La «explosión» ante la presunta acción criminar de ese sujeto, fue una consecuencia lógica. Un roce de clases, en que unos -los marginados y más pobres- traspusieron las fronteras del «cantegril» para agredir a otro sector de uruguayos, que todavía se mantiene en la formalidad. Estos trancaron puertas y ventanas, reclamando porque no observaban que la Policía realizara la necesaria labor reprimiendo a los «inadaptados».

La depredación y los robos se sucedieron en la zona del complejo Euskal Erría, trasladándose la angustia al conjunto, ya que por primera vez se estaba produciendo un estallido social en que el sector desplazado totalmente de la distribución de la riqueza, avanzó de manera organizada y masiva contra otros uruguayos que viven nada más que un escalón un poco más arriba, pero que mantienen -todavía- su integración a la sociedad.

¿Tiene algo para hacer en este asunto nuestro ordenamiento legal? Por supuesto que quienes todavía viven en la formalidad reclaman que la ley se le aplique, con la mayor fuerza, a quienes depredaron su barrio, quemaron casillas policiales y robaron bicicletas, motos y automóviles. «Los marginales», por su parte, que no tienen soluciones concretas para su problemática -por más que se les aplique todo el peso de la ley- seguirán sobreviviendo como puedan, avanzando algunos hacia otras zonas de la ciudad, para hacerse de elementos que puedan comercializar. Algunos de ellos robarán «porque nos les queda otra». Otros, menos decididos o recién llegados a la marginalidad, seguirán recolectando basura, un comercio informal del que los uruguayos no tenemos una medida de magnitud.
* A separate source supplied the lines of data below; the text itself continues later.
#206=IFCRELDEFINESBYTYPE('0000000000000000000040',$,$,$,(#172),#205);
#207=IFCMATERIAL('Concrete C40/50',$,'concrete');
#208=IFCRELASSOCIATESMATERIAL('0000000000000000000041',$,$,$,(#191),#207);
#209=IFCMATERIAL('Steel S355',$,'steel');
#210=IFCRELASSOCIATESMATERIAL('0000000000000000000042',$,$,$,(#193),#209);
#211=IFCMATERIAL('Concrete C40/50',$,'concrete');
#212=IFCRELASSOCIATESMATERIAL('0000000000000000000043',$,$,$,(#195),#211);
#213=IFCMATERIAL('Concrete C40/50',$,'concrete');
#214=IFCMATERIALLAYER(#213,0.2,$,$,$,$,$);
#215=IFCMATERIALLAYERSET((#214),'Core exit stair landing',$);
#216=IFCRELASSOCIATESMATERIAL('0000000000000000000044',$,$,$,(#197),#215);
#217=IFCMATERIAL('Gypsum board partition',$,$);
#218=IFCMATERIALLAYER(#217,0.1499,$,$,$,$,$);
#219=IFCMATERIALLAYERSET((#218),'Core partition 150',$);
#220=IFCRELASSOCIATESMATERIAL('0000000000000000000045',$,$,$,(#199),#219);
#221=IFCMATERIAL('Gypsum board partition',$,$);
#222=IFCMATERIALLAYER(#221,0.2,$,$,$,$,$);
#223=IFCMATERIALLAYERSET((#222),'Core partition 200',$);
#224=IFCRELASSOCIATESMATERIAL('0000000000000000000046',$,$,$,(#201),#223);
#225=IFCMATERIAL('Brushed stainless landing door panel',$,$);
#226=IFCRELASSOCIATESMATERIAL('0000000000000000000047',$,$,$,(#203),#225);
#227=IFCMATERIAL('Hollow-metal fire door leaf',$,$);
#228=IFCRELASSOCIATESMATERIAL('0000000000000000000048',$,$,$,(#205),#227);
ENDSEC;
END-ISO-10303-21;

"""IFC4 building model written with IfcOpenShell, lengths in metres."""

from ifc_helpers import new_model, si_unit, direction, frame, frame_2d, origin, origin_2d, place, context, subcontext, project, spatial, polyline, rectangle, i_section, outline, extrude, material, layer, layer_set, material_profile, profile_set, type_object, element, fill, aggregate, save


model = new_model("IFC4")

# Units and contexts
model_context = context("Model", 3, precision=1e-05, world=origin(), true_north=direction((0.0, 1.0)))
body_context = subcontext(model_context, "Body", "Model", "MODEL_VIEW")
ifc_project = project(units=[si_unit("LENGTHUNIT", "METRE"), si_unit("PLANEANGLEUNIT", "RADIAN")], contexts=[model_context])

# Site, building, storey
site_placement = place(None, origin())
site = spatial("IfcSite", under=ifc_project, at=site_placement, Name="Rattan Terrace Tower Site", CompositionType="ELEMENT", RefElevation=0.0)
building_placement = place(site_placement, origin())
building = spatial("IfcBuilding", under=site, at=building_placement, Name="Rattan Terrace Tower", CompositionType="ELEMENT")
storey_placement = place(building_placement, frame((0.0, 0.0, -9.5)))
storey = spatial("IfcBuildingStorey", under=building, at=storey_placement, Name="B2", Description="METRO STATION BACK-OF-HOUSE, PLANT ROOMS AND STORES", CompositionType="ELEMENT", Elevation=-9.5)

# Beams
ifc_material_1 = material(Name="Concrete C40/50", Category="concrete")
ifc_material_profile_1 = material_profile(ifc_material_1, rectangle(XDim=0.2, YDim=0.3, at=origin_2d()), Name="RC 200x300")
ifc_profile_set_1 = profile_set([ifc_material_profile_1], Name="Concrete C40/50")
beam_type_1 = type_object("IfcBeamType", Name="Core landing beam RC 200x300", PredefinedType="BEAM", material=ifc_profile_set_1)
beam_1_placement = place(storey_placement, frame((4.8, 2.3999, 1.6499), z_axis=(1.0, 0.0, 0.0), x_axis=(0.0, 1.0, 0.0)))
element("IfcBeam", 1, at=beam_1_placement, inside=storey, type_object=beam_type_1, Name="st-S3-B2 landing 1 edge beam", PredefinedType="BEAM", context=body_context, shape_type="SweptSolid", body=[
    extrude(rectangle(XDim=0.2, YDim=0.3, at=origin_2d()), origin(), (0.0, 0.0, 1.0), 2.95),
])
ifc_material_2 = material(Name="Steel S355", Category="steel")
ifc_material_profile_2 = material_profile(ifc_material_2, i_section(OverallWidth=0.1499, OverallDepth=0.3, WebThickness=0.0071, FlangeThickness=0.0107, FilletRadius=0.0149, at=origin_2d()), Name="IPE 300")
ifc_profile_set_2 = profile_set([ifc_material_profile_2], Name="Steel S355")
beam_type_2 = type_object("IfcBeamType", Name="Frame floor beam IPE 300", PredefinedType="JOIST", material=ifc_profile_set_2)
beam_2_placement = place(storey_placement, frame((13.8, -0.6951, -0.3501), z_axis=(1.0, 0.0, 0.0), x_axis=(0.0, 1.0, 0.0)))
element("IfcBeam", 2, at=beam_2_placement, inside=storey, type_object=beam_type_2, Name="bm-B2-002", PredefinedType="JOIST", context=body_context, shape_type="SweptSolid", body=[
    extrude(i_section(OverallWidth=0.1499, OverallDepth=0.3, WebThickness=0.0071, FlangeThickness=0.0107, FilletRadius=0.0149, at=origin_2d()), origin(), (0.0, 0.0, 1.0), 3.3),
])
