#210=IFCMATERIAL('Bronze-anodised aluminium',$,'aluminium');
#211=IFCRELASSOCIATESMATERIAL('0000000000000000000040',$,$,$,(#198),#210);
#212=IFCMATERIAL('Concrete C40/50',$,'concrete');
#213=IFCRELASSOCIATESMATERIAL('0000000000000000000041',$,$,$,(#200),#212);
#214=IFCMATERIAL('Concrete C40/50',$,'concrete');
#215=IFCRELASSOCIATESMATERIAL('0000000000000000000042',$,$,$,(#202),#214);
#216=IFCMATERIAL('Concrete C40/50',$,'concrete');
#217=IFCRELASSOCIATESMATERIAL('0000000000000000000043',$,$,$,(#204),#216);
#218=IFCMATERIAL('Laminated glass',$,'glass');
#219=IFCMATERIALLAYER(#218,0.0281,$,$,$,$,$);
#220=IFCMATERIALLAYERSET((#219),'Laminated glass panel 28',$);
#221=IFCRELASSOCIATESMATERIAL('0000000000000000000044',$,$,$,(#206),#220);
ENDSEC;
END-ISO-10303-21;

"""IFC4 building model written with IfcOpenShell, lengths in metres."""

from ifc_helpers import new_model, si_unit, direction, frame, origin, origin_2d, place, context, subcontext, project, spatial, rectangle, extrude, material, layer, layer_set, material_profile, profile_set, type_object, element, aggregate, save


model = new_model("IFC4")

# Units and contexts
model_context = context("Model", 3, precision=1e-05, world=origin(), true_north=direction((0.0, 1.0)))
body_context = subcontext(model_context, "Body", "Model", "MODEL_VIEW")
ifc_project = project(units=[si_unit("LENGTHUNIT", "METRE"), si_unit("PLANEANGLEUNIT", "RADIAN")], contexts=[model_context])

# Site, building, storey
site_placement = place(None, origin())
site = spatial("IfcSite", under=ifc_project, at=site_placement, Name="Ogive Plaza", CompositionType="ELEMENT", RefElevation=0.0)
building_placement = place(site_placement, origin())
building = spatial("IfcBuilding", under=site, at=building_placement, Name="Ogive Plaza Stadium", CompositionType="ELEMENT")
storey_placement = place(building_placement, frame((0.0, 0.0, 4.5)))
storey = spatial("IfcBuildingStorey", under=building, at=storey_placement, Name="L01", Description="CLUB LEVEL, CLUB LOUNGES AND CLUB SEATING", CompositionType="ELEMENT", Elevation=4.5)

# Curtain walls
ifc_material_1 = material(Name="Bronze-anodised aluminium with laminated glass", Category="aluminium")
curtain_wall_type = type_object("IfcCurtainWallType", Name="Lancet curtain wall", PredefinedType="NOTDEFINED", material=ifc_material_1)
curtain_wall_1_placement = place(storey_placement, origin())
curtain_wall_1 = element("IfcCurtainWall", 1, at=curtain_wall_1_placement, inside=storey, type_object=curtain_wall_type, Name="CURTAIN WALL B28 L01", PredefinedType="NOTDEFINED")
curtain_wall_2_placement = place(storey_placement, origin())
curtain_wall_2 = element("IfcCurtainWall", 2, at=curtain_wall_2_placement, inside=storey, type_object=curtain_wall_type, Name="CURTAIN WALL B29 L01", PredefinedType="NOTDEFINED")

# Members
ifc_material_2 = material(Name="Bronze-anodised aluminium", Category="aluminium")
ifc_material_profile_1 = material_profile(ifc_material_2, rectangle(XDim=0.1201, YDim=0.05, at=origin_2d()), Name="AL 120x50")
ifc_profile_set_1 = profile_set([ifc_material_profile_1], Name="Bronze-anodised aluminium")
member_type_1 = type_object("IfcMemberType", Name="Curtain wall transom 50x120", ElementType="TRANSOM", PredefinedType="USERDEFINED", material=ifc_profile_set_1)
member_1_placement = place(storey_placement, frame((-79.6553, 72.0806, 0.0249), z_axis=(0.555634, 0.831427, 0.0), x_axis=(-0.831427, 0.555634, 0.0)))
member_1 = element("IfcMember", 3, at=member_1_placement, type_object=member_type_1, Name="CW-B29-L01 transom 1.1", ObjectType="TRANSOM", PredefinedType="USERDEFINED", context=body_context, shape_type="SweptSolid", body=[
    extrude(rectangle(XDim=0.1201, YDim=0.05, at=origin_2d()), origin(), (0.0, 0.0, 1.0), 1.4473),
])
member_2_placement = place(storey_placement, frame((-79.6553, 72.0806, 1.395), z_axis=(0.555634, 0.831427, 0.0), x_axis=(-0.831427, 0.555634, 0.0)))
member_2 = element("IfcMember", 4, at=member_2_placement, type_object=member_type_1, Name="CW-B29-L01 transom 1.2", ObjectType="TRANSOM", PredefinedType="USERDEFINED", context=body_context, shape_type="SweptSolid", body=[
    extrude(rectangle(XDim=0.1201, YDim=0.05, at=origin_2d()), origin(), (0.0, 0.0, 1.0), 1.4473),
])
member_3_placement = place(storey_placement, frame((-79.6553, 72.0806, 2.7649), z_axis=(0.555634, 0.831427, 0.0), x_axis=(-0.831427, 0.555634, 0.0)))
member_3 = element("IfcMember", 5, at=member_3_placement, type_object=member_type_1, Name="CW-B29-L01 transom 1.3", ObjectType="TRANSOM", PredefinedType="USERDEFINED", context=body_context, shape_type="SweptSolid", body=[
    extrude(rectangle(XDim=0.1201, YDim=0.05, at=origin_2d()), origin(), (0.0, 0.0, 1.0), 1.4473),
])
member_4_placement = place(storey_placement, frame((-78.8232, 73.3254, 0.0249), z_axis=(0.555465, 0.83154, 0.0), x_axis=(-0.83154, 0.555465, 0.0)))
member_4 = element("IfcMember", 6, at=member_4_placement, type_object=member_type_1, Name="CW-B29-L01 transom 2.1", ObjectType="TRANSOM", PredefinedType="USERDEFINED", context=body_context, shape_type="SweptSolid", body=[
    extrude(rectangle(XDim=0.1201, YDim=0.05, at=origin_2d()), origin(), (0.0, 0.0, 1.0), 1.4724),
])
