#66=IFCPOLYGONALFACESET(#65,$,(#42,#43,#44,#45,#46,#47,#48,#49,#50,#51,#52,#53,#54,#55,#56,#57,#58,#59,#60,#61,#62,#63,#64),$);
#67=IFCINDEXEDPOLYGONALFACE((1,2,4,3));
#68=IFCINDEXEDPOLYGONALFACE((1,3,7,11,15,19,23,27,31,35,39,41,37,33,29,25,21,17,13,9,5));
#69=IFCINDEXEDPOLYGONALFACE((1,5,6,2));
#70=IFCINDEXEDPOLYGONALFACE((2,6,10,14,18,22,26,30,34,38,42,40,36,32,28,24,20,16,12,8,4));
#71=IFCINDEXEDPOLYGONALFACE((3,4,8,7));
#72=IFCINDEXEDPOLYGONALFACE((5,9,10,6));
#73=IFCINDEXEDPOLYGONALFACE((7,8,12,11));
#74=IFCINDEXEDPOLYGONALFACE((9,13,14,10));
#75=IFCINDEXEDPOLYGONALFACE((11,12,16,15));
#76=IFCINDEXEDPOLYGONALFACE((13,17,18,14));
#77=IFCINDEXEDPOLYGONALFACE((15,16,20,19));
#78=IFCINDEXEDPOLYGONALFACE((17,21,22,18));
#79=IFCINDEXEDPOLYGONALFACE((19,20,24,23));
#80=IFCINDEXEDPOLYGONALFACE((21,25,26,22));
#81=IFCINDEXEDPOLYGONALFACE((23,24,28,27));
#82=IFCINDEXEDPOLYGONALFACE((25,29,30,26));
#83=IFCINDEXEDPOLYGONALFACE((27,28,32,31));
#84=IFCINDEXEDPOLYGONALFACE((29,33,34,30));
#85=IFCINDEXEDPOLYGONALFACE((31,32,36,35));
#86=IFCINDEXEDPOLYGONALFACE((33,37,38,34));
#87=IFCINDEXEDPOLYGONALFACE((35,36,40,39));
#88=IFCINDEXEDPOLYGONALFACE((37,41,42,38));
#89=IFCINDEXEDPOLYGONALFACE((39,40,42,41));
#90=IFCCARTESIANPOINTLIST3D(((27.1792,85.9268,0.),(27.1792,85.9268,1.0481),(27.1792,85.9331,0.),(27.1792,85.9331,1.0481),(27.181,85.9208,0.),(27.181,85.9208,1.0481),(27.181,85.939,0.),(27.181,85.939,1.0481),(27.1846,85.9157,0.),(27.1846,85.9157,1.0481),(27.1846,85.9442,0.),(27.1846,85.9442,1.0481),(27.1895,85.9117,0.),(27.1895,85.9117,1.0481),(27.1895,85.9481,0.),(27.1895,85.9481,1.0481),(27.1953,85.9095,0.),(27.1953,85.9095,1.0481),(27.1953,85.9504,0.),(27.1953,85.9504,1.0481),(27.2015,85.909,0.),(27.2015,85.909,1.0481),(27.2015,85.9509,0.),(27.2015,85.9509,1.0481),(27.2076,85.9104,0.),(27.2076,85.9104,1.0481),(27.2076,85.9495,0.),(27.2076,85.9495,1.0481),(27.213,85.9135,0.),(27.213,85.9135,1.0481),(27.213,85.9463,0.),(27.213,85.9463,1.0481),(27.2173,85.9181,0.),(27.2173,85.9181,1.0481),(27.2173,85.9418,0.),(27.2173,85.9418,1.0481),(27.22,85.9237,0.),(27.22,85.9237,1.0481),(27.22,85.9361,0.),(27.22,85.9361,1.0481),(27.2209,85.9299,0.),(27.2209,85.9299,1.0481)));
Claro, con el resultado electoral del 31 de octubre, apareció la esperanza. El gobierno electo está viviendo una luna de miel con la población que, tras 170 años de gobiernos clientelísticos, pudo consagrar a Tabaré Vázquez como Presidente de la República. Una luna de miel que podrá proseguir si la atroz problemática que describimos se comienza a revertir.

Lo ocurrido en Malvín Norte, además de ser un síntoma más de la descomposición de nuestra sociedad, es una medida de los problemas que se deberán enfrentar y que, de permanecer, llevarán al país a una catastrófica desintegración social.